In any case, we can use our basic bootstrap procedure to produce thousands of predictions of the average value of \(Y\) for a given value of \(X\), and then plot the sampling distribution and confidence intervals for those predictions. Here is a function to help us:

def bootstrap_prediction(dframe, x, y, new_x, repetitions):
    
    # For each repetition:
    # Bootstrap the scatter; 
    # get the regression prediction at new_x; 
    # augment the predictions list
    predictions = np.array([])
    for i in np.arange(repetitions):
        bootstrap_sample = dframe.sample(frac=1, replace=True)
        bootstrap_prediction = fitted_value(bootstrap_sample, x, y, new_x)
        predictions = np.append(predictions, bootstrap_prediction)
        
    # Find the ends of the approximate 95% prediction interval
    left = np.percentile(predictions, 2.5)
    right = np.percentile(predictions, 97.5)
    
    # Prediction based on original sample
    original = fitted_value(dframe, x, y, new_x)
    
    # Display results
    plt.hist(predictions, ec="black")
    plt.plot(([left, right]), ([0, 0]), color='yellow', lw=12, zorder=1)
    plt.xlabel('predictions at x='+str(new_x))

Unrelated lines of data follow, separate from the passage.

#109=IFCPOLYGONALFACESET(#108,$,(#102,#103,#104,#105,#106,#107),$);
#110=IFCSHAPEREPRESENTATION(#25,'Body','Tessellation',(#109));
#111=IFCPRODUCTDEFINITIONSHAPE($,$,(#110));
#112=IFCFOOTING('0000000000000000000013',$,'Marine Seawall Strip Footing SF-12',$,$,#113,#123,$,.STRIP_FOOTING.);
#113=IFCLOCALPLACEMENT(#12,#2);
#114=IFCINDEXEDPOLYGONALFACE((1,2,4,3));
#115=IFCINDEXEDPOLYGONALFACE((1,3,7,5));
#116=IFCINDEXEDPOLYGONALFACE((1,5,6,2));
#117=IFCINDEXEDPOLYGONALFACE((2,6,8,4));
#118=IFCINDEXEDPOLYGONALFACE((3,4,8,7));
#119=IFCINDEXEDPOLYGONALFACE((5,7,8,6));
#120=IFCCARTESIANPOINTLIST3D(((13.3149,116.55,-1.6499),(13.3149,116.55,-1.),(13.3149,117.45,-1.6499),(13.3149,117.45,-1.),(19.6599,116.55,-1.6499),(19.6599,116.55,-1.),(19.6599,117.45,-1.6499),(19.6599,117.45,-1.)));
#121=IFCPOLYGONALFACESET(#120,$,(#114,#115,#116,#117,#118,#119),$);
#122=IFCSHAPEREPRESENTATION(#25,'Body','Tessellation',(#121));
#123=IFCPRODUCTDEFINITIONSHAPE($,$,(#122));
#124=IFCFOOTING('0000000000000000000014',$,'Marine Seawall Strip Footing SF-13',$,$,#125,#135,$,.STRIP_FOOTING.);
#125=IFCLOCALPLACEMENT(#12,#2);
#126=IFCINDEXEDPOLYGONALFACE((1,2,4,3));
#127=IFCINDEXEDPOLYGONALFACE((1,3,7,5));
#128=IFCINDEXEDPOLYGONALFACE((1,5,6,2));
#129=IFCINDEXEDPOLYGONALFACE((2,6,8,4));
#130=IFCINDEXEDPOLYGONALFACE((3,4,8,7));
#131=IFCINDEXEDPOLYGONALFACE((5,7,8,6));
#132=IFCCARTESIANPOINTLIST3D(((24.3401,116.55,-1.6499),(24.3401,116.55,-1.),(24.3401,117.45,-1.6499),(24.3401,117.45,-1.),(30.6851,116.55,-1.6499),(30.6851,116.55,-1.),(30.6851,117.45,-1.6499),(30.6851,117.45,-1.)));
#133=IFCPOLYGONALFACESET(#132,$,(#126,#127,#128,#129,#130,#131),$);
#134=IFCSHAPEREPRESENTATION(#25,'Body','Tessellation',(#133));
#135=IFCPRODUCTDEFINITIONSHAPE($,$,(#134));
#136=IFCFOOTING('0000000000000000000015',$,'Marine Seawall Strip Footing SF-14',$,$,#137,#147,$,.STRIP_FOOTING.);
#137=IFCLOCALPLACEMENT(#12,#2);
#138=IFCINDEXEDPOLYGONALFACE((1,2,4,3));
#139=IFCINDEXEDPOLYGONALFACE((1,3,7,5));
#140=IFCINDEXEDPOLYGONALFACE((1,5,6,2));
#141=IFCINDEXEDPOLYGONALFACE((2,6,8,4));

    print('Height of regression line at x='+str(new_x)+':', original)
    print('Approximate 95%-confidence interval:')
    print(left, right)

First, let’s set the \(X\) value to the mean of all the \(X\)-values:

meanx = np.mean(states_data["cig_tax12"])
bootstrap_prediction(states_data, 'cig_tax12', 'smokers12', meanx, 5000) 
Height of regression line at x=1.46388: 21.06
Approximate 95%-confidence interval:
20.15098017851587 21.9190316793797
../../_images/07_ols_uncertainty_prediction_23_1.png

Now let’s set the \(X\)-value to the maximum of the data:

maxx = np.max(states_data["cig_tax12"])
bootstrap_prediction(states_data, 'cig_tax12', 'smokers12', maxx, 5000) 
Height of regression line at x=4.35: 16.46849210000044
Approximate 95%-confidence interval:
13.932965677157052 18.377604500908337
../../_images/07_ols_uncertainty_prediction_25_1.png

Compare the widths of the confidence intervals: with \(X\) near its mean, we have a confidence interval of around \((20.15, 21.92)\); with \(X\) at its maximum, we have a confidence interval of around \((13.93, 18.38)\). So the latter is much larger than the former.

In either case though, we are saying that if we repeated this way of constructing confidence intervals many many times, approximately 95% of the time we expect them to contain the true value of the mean of \(\hat{Y}\) at that level of \(X\).